We will look on the bar graph to see clearly,
df$University_Name=substr(df$University_Name,1,10)
ggplot(data=df, aes(x=reorder(University_Name, desc(Total)),y=Total,fill=City_Name))+
theme(axis.text.x = element_text(angle = 90, hjust=1))+
geom_bar(stat="identity",width = 0.95)+
labs(title = "Top Universities with Foreign Students")+
labs(x = "University Name", y = "Count") +
expand_limits(y=10)
Due to location of Gaziantep, Gaziantep University is the first, most probably they are Syrian citizens. Very interestingly Karabuk is following Gaziantep.

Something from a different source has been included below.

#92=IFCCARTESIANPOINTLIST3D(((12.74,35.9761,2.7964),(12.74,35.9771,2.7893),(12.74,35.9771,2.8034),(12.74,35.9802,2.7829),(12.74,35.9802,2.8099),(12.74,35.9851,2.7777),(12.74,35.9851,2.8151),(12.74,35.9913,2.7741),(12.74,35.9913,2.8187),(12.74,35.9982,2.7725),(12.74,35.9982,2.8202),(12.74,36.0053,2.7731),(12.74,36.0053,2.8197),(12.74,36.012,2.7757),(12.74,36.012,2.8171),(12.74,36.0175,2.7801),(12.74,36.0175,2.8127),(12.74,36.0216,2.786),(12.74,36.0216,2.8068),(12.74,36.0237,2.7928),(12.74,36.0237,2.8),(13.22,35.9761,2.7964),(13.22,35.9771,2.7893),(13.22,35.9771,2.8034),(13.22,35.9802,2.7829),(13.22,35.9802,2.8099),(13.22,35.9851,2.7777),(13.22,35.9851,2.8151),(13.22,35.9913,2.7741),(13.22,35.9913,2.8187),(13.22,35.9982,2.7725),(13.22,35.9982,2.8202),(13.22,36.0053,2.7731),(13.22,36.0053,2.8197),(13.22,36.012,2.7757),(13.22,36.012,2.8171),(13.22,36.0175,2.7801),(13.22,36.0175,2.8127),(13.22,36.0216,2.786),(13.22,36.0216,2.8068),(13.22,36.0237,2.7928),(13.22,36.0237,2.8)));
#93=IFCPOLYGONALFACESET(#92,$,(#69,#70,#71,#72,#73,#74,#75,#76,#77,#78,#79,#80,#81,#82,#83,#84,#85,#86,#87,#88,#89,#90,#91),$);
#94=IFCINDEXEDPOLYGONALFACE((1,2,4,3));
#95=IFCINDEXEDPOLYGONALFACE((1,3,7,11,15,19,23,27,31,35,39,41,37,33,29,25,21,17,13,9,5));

We will see the distribution of Nationalities as per cities to see the volume in cities
df2 <- data_last %>% select(Year, City_Name ,Nationality, Total) %>%
filter(Total >=500) %>%
group_by(Nationality) %>% group_by(City_Name) %>%
summarise_each(funs(first(na.omit(.)))) %>% group_by(Nationality) %>%
arrange(desc(Total))
head(df2)
## # A tibble: 6 x 4
## # Groups: Nationality [3]
## City_Name Year Nationality Total
## <fctr> <int> <fctr> <int>
## 1 GAZIANTEP 2016 SURIYE ARAP CUMHURIYETI 1080
## 2 KARABUK 2017 SURIYE ARAP CUMHURIYETI 927
## 3 ESKISEHIR 2016 AZERBAYCAN CUMHURIYETI 774
## 4 MERSIN 2017 SURIYE ARAP CUMHURIYETI 741
## 5 USAK 2016 AZERBAYCAN CUMHURIYETI 721
## 6 EDIRNE 2016 YUNANISTAN CUMHURIYETI 683
df2$Nationality=substr(df2$Nationality,1,10)
ggplot(data=df2, aes(x=reorder(Nationality, desc(Total)),y=Total,fill=City_Name))+
theme(axis.text.x = element_text(angle = 90, hjust=1))+
geom_bar(stat="identity",width = 0.95)+
labs(title = "Nationalities & Cities")+
labs(x = "Universities", y = "Count") +
expand_limits(y=10)
Selecting Nationalities
df3 <- data_last %>% select(Year, University_Name, Nationality, City_Name, Total) %>%
filter(Total >=400) %>%
group_by(University_Name) %>%
summarise_each(funs(first(na.omit(.)))) %>% arrange(desc(Total))
## `summarise_each()` is deprecated.
## Use `summarise_all()`, `summarise_at()` or `summarise_if()` instead.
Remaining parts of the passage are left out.